Pasíon y maestría
El legado de la tración, paciencia y el viento del sur
En el corazón de la provincia de Cádiz, donde el tiempo se mide en estaciones y no en horas, nace hace 25 años El Espartero.
Somos una familia dedicada al arte de crear piezas de culto, fusionando la tradición quesera zamorana con un proceso de maduración único en el mundo.

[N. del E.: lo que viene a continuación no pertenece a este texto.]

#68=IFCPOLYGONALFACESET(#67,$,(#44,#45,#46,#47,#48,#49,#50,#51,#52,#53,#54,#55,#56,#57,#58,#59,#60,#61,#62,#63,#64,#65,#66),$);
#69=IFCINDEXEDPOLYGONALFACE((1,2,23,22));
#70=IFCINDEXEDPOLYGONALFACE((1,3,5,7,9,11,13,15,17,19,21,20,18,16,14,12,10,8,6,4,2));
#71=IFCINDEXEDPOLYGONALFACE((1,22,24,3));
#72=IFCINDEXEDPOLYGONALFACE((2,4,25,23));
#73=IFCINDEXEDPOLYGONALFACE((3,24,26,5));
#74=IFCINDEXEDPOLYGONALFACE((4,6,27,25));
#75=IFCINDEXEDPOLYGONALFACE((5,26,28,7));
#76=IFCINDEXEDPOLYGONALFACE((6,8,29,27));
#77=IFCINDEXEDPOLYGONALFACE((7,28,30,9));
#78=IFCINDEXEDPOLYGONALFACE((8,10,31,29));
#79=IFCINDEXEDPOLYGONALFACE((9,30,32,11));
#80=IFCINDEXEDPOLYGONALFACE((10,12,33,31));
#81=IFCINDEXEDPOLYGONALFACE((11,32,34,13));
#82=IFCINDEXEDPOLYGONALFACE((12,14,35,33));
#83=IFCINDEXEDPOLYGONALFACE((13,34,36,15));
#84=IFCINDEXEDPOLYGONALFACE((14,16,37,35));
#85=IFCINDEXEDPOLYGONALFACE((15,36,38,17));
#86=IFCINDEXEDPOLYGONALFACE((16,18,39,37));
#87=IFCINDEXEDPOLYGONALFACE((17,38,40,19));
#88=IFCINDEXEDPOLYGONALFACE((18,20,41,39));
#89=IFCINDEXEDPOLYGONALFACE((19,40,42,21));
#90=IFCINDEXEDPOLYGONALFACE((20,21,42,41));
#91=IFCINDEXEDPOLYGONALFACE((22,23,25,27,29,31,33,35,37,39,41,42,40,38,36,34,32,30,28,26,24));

Raíces de Zamora: El Origen de la Calidad
Nuestra esencia comienza en los pastos, seleccionando la mejor leche cruda de oveja de razas autóctonas: la Churra y la Castellana.
Esta materia prima, pura y llena de carácter, y su curación en bodegas, es el pilar sobre el que construimos nuestros quesos.
Creemos firmemente que para lograr un sabor irrepetible, debemos respetar el origen y la herencia de esa tierra.
Artesanía en Movimiento
En EL ESPARTERO, el proceso es manual y el ritmo lo marca la naturaleza. Cada pieza es mimada individualmente con volteos manuales y un afinado constante.
Desde nuestros curados, pasando por los viejos, reservas, añejos hasta nuestras especialidades con manteca de cerdo ibérico, buscamos una textura que, aun en su máxima maduración, mantenga esa mantecosidad y sabor intenso que nos define.
Nuestra Joya de la Corona: El Viaje a Sanlúcar
Lo que hace a nuestros quesos piezas de colección es nuestra maduración adicional especial. Mientras que otros se detienen, nosotros llevamos nuestras piezas más selectas un paso más allá:
- Añejos Reserva (+18 meses)
- Grandes Añejos (+24 meses)
Estas piezas viajan para recibir un "baño de aire y salitre" en Sanlúcar de Barrameda. Allí, durante un periodo adicional de 3 a 6 meses, el microclima único de la desembocadura del Guadalquivir termina de esculpir su personalidad.
Es en Sanlúcar donde el queso adquiere matices complejos y una profundidad que solo el tiempo y la brisa marina pueden otorgar.
Una Experiencia Sensorial
El secreto de nuestro sabor está en el origen y en el fin. En EL ESPARTERO, respetamos los ciclos de la naturaleza para obtener un producto pureza excepcional, honesto, sin artificios y lleno de vida.
Su color marfil agudo y aroma profundo, hace que al probarlo, descubrirá un sabor potente y un retrogusto persistente que narra la historia de dos tierras: la fuerza de los campos de Zamora y la elegancia del aire de Sanlúcar.